Friday, July 06, 2007

Bottling mead

Last night I finally bottled the mint and jalapeño meads that I've had taking up space in my office for far too long. A couple of weeks ago I added Sparkolloid to clear up the cloudiness in them, and it worked like a charm. After making a quick run to San Antonio Homebrew Supply to pick up some much-needed corks (as well as some beer fixin's--but that's another story) I set to work on bottling the beverages.

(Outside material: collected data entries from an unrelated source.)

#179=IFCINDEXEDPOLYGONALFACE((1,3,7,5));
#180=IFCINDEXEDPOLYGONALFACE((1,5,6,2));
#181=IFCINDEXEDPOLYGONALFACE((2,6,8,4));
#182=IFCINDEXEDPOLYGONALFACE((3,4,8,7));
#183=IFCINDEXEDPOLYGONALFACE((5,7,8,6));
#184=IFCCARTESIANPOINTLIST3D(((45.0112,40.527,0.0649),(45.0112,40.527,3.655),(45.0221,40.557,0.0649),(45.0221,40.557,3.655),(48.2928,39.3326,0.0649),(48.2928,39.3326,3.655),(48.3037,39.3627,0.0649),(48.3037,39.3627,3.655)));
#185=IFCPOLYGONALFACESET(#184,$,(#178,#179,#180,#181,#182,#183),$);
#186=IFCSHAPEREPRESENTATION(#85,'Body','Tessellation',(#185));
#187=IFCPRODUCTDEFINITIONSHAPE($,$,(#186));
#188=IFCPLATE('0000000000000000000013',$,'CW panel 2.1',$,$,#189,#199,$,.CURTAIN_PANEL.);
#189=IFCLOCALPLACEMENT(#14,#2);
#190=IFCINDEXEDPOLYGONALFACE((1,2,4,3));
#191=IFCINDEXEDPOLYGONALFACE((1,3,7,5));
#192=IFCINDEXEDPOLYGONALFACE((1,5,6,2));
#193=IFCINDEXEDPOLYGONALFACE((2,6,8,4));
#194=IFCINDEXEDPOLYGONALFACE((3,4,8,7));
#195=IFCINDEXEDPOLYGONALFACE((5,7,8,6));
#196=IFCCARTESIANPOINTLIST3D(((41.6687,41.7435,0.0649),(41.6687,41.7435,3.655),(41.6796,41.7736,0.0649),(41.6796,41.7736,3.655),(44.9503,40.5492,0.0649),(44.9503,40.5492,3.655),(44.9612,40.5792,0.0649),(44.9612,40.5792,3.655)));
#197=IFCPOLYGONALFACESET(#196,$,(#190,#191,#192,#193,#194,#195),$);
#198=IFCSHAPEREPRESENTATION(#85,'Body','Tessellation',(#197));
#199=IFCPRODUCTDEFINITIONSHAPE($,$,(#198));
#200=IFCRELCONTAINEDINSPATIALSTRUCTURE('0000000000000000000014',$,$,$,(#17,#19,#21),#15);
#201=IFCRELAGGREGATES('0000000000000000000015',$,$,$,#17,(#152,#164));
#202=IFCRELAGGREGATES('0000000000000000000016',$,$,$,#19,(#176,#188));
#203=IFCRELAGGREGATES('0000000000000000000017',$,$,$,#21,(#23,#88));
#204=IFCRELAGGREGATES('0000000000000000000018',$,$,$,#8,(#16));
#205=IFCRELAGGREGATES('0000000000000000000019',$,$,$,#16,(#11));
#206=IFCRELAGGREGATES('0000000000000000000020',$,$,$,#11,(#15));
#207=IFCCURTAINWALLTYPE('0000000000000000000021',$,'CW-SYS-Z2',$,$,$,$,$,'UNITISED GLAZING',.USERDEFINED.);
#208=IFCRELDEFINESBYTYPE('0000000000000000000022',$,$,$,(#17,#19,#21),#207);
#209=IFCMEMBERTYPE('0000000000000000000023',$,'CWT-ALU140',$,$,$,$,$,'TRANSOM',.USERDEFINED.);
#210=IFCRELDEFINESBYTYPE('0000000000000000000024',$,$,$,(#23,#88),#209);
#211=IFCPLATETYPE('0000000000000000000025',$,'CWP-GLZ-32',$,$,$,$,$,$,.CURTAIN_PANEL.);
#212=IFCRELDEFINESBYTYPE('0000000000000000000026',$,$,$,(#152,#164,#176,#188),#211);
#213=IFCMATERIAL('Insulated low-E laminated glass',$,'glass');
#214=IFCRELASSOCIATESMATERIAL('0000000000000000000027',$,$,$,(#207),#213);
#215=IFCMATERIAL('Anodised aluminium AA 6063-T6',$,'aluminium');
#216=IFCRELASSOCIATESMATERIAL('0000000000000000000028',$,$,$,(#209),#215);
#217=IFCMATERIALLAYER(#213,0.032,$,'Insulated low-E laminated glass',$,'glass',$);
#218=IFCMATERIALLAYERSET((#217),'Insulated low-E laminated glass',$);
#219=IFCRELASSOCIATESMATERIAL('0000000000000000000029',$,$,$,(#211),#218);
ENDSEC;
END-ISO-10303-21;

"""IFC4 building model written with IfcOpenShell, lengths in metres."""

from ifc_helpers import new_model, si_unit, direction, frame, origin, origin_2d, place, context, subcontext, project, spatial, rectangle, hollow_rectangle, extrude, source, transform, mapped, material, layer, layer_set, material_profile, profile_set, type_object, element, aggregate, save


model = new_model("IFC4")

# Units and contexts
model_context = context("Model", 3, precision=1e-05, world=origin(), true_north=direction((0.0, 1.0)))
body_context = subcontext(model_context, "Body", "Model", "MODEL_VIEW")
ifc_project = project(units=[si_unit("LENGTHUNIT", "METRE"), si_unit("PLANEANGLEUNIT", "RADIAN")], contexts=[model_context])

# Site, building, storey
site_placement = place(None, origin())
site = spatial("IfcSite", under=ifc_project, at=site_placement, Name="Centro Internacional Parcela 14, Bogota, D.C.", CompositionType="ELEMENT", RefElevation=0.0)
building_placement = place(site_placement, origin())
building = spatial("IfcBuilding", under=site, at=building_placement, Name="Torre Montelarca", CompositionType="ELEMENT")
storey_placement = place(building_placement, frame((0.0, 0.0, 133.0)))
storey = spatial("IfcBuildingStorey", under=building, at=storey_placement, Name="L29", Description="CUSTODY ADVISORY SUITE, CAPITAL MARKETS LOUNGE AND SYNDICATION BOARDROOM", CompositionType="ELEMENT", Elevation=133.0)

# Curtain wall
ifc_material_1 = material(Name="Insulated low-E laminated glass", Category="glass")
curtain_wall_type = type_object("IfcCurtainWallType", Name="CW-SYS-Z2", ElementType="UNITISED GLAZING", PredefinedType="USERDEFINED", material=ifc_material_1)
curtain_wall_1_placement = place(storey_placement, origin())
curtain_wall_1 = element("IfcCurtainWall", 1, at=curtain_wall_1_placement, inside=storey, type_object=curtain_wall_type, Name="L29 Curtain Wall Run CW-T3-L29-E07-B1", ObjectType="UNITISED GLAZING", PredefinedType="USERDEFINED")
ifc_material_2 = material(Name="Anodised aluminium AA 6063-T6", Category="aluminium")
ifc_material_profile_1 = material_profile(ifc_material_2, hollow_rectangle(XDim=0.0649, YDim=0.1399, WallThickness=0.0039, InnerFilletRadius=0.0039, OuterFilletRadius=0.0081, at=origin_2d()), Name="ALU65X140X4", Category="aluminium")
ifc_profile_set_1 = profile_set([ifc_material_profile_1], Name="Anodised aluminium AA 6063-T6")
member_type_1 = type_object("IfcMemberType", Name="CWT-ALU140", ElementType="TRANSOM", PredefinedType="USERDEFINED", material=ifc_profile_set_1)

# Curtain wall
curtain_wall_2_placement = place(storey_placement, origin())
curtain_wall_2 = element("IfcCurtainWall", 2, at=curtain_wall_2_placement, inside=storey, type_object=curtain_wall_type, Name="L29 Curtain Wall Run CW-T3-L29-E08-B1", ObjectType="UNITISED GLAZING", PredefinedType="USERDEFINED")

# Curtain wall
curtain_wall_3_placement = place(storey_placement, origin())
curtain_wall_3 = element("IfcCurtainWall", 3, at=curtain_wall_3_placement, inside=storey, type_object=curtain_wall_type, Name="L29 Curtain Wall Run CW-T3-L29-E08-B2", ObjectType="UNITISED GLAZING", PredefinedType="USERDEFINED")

When all was said and done, I had four bottles of jalapeño mead (technically a metheglin, since jalapeño would qualify more as a spice than anything else, right?) and five bottles of mint metheglin (again, mint being a spice, right?). The mint, as it has trended the whole time, was much clearer and had solid, compact lees in the bottom. It bottled up easily. The little bit I tasted during the siphoning struck me as surprisingly mellow. I'm not a huge mint fan--the flavor is at Lisa's request--but the chocolate mint and spearmint I used (gathered from the back flowerbeds) have blended into a nice, smooth flavor. This may very well combine well with Sprite or 7-Up for a tasty, light cooler-type drink. The jalapeño, on the other hand, remained stubborn. The first three bottles filled easily and cleanly, but the lees began to stir toward the end of the fourth bottle--they weren't solidly packed at all. I'd hoped to bottle a fifth (these were one-gallon glass carboys the mead was aging in, remember) but I only got about half a bottle filled before the liquid became too murky to continue. The sediments were an ugly, gray-brown muddy color, and my efforts to filter some of it by running it through a coffee filter resulted in murky, stopped-up coffee filters. The jalapeño definitely had an impact on the yeast and lees, far more than I'd have expected. As for the flavor... well, this one's going to age for a while before I give a verdict. The rough mead edge had mellowed a good bit, but there wasn't much blending going on yet between the jalapeño and honey flavors. It undeniably tastes of jalapeño, though, with a pleasant mouthburn following shortly after swallowing. This one probably could've used a little more in the way of tannins, but it's not a flavor that's going to win over many people in the long run.